Within the case of nodes, the LN registers a most of over 20,000 in mid-2022. Since then, the determine has decreased till stabilizing in a variety near 15,000–16,500 public nodes.
Nevertheless, the variety of nodes in decline doesn’t essentially denote much less use of Lightning.
It might imply that sure operators (individuals or corporations that run nodes) determined to shut channels that had no visitors or flip off “secondary” nodes that didn’t add worth.
Lightning means that you can function nodes that aren’t publicly introduced or that focus liquidity in fewer, better-optimized channels.
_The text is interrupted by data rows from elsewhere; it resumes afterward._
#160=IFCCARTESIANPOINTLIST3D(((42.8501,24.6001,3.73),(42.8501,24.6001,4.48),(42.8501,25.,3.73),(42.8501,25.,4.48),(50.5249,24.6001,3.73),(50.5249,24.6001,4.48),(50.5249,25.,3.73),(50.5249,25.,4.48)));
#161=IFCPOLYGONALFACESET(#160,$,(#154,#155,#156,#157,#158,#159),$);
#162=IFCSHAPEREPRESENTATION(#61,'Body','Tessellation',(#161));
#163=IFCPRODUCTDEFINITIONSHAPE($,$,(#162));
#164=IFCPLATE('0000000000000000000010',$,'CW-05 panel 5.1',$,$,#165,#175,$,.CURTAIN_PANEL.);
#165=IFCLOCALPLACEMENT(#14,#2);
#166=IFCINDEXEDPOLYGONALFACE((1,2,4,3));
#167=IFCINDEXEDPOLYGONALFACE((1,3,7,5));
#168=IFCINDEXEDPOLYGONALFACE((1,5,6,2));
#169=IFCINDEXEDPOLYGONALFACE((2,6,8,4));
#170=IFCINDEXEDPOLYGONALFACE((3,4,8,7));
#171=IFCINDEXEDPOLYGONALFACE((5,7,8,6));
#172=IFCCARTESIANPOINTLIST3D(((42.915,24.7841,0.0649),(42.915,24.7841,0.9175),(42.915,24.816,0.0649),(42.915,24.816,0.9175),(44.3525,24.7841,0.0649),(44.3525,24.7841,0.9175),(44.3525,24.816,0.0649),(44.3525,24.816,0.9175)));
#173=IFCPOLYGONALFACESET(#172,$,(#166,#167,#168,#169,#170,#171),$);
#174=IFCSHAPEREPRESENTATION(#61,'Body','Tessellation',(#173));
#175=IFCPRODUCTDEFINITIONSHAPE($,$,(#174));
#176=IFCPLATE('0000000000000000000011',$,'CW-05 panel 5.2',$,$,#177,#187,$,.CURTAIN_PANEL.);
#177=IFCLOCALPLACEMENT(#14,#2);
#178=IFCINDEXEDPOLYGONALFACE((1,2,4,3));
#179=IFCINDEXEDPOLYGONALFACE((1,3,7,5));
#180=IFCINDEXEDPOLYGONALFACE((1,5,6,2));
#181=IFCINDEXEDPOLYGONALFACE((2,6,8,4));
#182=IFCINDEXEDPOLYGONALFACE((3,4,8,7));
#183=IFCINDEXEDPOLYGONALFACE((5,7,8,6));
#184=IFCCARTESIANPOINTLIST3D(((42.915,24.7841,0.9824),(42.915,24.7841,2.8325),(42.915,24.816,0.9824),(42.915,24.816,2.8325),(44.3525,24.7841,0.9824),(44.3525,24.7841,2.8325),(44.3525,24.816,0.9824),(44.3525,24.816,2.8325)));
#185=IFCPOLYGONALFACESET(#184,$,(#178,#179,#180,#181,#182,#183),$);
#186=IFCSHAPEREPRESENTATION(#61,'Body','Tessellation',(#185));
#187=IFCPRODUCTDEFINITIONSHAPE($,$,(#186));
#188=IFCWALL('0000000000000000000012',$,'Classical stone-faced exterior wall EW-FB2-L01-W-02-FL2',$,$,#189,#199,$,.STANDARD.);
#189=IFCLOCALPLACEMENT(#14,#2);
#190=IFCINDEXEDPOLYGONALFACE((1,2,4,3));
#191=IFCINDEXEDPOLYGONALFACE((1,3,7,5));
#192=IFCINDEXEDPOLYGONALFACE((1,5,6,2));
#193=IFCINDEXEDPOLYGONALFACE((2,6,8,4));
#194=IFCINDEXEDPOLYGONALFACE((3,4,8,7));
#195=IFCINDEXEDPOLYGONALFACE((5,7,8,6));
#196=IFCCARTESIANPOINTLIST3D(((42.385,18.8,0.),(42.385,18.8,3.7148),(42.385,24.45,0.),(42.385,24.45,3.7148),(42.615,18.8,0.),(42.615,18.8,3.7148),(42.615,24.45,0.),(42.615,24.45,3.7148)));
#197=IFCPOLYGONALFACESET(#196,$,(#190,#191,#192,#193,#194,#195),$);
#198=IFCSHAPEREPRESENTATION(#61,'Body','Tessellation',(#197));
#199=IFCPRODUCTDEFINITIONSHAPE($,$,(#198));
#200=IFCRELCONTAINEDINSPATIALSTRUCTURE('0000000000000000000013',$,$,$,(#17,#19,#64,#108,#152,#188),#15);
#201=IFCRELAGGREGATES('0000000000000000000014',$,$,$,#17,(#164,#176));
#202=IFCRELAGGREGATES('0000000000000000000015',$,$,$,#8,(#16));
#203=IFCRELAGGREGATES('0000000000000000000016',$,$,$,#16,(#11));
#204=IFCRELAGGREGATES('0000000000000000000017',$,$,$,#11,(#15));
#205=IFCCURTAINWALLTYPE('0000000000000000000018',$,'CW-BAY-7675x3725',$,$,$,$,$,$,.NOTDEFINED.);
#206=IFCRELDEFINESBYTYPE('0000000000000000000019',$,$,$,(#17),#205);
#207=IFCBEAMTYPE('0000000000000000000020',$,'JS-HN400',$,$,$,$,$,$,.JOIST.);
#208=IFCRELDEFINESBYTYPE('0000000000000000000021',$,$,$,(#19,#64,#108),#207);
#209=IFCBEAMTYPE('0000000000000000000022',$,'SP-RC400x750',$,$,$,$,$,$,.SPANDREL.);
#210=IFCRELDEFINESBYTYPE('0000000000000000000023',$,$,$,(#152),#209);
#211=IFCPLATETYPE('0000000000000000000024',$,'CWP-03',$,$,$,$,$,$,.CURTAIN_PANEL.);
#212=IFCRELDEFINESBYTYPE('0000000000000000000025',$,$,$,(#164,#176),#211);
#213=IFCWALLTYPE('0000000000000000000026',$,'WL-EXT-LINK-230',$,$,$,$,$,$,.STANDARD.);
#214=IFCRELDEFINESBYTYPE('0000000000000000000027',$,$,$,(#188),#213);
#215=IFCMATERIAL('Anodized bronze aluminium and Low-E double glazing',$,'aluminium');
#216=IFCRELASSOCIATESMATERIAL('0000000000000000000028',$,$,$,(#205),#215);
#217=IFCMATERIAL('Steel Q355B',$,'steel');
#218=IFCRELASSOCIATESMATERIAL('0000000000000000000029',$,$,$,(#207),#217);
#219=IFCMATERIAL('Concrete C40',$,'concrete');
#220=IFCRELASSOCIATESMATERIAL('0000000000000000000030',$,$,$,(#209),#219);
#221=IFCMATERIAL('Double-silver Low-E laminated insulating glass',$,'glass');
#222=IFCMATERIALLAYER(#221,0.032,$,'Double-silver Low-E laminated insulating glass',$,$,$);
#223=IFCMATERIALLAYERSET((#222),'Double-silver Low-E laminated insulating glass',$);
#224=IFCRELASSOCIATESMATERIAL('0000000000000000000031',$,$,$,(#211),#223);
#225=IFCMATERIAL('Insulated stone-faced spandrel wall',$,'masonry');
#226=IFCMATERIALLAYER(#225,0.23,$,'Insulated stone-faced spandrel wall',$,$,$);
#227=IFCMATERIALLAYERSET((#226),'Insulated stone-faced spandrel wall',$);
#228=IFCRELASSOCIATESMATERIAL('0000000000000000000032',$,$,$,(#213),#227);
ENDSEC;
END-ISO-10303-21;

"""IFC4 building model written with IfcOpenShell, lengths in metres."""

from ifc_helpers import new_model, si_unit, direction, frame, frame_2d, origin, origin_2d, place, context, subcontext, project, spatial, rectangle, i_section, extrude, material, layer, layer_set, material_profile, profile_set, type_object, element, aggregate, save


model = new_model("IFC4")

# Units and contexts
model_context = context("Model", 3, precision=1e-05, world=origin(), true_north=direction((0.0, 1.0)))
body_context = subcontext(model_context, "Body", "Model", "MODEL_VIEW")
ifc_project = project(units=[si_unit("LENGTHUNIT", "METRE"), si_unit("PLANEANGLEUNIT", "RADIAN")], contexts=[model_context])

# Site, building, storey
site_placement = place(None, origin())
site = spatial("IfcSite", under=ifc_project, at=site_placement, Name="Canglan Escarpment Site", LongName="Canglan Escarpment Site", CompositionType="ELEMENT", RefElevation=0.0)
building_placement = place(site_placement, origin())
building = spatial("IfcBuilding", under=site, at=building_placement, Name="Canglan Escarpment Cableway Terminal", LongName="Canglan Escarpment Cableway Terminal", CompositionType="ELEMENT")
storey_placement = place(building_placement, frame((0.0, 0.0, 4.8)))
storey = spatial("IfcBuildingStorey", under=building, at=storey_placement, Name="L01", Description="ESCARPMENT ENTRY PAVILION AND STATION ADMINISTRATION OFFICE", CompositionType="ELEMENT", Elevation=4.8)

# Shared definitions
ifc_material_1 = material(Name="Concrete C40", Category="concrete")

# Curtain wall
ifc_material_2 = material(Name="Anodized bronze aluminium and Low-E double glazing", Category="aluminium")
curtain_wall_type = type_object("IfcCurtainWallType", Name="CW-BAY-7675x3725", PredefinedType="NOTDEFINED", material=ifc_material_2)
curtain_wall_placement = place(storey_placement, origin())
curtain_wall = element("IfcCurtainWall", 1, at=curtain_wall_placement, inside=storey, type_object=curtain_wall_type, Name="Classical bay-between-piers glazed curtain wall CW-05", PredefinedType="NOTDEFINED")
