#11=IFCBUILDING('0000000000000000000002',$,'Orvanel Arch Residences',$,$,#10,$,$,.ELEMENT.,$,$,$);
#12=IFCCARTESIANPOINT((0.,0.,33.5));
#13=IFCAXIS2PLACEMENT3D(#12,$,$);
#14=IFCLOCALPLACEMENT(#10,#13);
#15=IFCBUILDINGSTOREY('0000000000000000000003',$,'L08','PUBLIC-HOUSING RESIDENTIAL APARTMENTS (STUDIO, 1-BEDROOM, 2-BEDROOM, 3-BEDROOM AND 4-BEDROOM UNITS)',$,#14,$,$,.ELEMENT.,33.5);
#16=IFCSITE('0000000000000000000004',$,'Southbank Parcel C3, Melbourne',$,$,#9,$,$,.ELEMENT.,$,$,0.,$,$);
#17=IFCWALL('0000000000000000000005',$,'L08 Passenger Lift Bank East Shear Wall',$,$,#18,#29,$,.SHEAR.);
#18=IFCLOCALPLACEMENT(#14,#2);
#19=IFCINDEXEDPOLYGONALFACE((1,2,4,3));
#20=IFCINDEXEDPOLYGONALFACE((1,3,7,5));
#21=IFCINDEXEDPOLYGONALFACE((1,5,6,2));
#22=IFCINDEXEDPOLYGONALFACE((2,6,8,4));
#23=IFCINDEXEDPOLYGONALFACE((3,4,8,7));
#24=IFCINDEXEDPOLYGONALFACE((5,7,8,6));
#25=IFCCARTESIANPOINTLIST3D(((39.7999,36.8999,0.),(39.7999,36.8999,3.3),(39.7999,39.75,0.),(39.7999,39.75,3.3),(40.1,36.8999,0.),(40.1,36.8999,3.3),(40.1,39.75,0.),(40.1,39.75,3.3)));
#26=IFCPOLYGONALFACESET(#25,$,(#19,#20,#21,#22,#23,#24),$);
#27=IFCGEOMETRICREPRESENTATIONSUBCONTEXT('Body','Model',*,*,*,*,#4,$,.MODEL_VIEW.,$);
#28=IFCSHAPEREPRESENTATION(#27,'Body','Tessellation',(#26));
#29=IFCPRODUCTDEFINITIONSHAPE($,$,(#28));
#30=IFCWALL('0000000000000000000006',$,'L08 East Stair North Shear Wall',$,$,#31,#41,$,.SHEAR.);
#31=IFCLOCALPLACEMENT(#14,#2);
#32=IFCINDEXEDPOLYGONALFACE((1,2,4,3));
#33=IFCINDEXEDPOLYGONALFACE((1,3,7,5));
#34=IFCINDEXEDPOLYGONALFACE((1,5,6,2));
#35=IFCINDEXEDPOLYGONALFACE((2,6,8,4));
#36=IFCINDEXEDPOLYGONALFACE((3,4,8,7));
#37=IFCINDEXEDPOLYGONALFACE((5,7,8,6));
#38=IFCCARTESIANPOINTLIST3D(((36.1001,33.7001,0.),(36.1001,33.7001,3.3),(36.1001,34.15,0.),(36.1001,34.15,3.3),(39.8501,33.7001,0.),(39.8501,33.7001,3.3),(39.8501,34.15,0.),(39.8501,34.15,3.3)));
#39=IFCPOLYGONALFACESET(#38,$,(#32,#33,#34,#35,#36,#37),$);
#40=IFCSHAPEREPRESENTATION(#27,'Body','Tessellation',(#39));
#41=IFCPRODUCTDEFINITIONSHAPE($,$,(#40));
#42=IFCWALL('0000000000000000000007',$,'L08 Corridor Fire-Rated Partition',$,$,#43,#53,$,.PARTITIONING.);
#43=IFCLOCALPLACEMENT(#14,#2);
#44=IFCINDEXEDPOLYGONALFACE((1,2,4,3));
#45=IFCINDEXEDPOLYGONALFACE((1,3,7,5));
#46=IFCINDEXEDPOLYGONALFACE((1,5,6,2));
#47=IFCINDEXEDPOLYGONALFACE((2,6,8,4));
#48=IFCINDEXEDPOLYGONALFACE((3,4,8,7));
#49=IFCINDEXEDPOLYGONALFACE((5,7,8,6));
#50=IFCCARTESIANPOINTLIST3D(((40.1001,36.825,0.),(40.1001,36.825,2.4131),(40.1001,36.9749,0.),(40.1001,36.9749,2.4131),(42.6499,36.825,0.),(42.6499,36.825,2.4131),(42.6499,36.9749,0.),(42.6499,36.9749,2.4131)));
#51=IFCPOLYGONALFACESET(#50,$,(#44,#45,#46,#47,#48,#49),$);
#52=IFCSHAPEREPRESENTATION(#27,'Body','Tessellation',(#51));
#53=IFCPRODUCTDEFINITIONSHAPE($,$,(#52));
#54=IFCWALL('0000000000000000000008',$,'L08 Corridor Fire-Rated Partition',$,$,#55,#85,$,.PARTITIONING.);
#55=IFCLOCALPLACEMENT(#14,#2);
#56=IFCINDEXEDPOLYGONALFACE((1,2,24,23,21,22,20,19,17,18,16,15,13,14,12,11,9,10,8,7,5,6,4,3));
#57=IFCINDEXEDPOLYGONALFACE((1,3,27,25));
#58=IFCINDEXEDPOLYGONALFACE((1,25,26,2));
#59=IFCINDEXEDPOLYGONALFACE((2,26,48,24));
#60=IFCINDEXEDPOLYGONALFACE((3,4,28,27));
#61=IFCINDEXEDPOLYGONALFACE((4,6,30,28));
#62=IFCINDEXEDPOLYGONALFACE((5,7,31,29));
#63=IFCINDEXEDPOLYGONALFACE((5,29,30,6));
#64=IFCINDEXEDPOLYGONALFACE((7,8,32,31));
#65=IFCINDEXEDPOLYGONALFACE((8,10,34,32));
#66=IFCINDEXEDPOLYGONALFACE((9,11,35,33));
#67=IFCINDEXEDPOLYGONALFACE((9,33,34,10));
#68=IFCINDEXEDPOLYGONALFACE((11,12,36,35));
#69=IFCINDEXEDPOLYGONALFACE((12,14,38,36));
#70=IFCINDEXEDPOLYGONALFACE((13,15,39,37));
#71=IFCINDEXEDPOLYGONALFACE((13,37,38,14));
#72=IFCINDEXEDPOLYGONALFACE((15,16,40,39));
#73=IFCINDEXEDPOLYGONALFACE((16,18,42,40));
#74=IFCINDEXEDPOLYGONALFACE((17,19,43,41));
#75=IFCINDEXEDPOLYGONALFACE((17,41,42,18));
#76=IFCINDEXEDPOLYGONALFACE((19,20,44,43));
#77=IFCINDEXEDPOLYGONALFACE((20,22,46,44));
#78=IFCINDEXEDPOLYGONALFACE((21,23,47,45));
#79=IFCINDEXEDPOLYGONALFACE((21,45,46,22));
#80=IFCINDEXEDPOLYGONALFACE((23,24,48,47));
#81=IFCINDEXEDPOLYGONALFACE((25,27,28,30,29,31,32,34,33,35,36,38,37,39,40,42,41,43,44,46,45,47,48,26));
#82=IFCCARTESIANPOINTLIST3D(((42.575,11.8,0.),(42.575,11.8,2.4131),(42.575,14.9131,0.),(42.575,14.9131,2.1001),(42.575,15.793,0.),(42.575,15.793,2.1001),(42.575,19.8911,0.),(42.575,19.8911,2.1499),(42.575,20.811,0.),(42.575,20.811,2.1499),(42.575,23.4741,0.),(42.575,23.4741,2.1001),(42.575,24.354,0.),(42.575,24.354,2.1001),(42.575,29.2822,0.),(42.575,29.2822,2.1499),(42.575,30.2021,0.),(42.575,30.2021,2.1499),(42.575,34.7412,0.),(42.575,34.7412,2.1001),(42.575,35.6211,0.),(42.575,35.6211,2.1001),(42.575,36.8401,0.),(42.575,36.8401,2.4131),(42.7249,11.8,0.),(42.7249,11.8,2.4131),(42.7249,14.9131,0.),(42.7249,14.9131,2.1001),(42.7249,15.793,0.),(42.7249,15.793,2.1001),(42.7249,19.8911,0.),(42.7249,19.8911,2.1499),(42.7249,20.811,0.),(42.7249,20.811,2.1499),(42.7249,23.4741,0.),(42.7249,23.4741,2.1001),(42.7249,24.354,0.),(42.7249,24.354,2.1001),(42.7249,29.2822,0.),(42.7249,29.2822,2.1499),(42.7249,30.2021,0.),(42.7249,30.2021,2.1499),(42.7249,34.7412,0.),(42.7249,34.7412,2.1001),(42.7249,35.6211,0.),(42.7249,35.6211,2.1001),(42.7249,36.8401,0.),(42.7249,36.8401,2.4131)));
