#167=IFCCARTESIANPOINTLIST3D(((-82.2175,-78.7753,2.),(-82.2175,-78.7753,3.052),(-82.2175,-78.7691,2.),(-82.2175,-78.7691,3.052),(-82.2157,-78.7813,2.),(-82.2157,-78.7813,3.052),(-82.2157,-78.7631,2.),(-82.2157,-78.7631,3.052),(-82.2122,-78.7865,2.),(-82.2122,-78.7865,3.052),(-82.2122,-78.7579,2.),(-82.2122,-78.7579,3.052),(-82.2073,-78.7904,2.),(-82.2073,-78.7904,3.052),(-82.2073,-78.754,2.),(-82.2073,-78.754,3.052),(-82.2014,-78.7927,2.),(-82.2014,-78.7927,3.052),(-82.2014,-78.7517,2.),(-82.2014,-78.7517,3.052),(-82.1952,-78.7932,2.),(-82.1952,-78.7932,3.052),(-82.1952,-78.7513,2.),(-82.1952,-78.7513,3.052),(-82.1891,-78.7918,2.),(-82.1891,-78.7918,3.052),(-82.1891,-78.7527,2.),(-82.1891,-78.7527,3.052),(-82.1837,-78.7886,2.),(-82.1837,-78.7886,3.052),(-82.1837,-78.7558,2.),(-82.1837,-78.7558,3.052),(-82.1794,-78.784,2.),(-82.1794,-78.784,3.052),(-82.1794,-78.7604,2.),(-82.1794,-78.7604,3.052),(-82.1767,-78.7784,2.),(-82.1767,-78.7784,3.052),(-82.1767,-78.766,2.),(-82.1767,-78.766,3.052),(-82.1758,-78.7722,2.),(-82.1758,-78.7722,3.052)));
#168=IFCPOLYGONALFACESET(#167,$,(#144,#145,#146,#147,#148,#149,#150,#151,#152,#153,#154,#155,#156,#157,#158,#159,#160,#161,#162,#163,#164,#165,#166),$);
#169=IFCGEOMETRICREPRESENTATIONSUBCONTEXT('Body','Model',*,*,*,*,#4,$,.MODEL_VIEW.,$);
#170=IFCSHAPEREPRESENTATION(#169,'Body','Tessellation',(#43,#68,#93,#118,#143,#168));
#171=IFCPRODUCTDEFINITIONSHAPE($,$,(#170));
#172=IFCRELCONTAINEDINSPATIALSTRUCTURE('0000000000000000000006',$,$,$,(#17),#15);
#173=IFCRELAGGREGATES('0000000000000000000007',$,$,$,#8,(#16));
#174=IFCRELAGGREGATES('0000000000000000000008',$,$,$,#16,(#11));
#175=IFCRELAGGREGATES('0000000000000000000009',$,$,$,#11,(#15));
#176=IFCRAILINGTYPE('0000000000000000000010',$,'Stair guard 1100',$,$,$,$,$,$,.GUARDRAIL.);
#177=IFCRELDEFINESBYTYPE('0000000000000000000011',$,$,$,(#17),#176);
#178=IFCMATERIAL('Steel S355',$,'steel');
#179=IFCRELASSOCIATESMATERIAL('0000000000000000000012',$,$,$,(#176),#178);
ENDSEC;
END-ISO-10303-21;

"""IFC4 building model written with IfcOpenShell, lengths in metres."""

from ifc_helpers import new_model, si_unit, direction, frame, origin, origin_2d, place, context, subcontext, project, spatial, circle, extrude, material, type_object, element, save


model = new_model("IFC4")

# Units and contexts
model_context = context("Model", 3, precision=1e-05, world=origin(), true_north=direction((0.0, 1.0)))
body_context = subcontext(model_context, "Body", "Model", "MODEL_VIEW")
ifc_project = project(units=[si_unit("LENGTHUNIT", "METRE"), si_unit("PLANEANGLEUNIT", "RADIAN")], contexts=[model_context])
In different phrases, the infrastructure is reorganized.
Second, channels (connections between two Lightning nodes via which liquidity is locked in bitcoin in order that on the spot funds might be despatched and obtained off-chain) They reached values near 85,000 in 2022.
Since then, just like what occurred with the nodes, the information displays a sustained declinewith present ranges round 46,000–50,000.
This discount may very well be linked to the closure of low capability channelsthe migration in the direction of extra environment friendly connections and the focus of liquidity in larger quantity operators.
Lastly, the whole capability (the whole quantity of bitcoin locked inside Lightning channels to facilitate cost routing) reveals a extra nuanced curve.
After a interval of fixed progress between 2021 and 2023, exceeding 5 billion satoshis (greater than 500 BTC), the indicator fell again in 2024. In latest months, the capability of the LN displays partial restorationpushed by the opening of bigger channels.
Altogether, the graphs replicate a LN that doesn’t appear to be at present recovering its adoption statistics, after a time through which they confirmed a slowdown in the usage of Bitcoin’s L2.